2.3 Transformer for Vision

The Transformer network was applied to the field of computer vision originally by Vision in Transformer (VIT) [37], which used patch embedding and Transformer to extract encoder features for image classification. However, the features extracted by VIT were relatively rough and could not complete the detailed tasks. Subsequently, there were several other methods based on Transformer, such as object detection [38], image recognition [13], and image super resolution [39] for 2D image analysis. Most of them applied local and global attention, through convolution, MLP, or linear layer to establish long-range dependencies.

Due to the brilliant success of Transformer in the field of 2D images, which were attracted more attention in 3D point cloud. Point Transformer [20] successfully introduced Transformer into the field of point cloud processing. Guo et al. [8] developed a neighbor embedding mechanism achieved by EdgeConv. A BERT-style pre-training strategy for 3D global Transformer [21] was proposed, which generalized the concept of BERT to 3D point cloud processing. Unlike the above methods, we proposed a multi-key self-attention mechanism to obtain two different scales of attention maps, which achieved a significantly enlarged effective receptive field.

3  Method

In this section, we introduce the framework of SGT shown in Fig. 1, which contains stratified sample module, graph convolutional module, and Transformer block. The SGT captures long-range context information and enlarges the effective receptive field. In addition, the weight of the relationship among the center point, neighborhood points, and distant points is redistributed by self-attention mechanism. It aims to solve the semantic segmentation problem of complex point cloud environment and reduce the memory occupation of the network.

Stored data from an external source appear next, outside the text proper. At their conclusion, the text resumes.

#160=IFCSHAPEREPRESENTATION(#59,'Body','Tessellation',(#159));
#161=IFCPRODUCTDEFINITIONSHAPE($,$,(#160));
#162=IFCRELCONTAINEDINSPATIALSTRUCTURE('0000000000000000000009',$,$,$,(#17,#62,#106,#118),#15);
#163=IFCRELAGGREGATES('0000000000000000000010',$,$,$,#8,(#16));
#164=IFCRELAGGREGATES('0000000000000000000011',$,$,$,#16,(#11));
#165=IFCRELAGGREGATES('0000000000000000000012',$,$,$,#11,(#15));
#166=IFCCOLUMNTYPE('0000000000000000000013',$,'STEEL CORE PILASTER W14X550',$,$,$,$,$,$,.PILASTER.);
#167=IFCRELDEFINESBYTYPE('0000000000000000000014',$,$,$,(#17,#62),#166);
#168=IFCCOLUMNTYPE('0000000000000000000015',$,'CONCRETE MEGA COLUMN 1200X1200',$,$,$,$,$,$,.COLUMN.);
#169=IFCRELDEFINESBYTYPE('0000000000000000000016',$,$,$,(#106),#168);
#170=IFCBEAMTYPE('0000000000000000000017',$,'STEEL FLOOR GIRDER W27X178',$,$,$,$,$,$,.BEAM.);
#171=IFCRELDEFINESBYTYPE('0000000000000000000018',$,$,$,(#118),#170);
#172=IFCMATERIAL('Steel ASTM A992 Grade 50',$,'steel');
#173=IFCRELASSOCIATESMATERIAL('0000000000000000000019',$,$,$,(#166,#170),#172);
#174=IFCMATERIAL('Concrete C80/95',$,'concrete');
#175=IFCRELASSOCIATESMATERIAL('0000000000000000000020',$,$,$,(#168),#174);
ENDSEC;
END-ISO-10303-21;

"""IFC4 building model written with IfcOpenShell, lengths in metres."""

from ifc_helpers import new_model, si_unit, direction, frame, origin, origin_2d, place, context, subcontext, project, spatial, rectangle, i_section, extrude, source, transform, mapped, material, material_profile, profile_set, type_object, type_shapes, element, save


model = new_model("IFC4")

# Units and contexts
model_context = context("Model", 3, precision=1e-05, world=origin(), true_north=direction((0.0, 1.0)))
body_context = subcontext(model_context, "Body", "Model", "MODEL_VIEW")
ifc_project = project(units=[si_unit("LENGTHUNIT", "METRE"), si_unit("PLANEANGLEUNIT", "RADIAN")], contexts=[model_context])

Figure 1: The framework of the proposed 3D semantic segmentation method. The center point (black), dense points in close range (pink), and sparse points in long range (green). The solid points in the third cube are sampling points, while the hollow points are not. The distant edges are established by the GCN module (pink lines), and the near edges (red lines). After the self-attention module, dark connections indicate a large weight, and light connections indicate a small weight

For the convenience of the following description, we define the several notations as follows. The raw point cloud sampled by the farthest point can be regarded as a sequence, which contains a total of n points N={Ni∈R,i=1,2,⋯,n} located on the surface of the point cloud instance. f(Ni)∈RF represents the features of each point, where F represents the dimension of the point features. Typical features contain coordinates (xNi,yNi,zNi), normal vectors (vNix,vNiy,vNiz), and RGB color information (rNi,gNi,bNi). In this study, we set F=9, and only use typical features mentioned above as the input features.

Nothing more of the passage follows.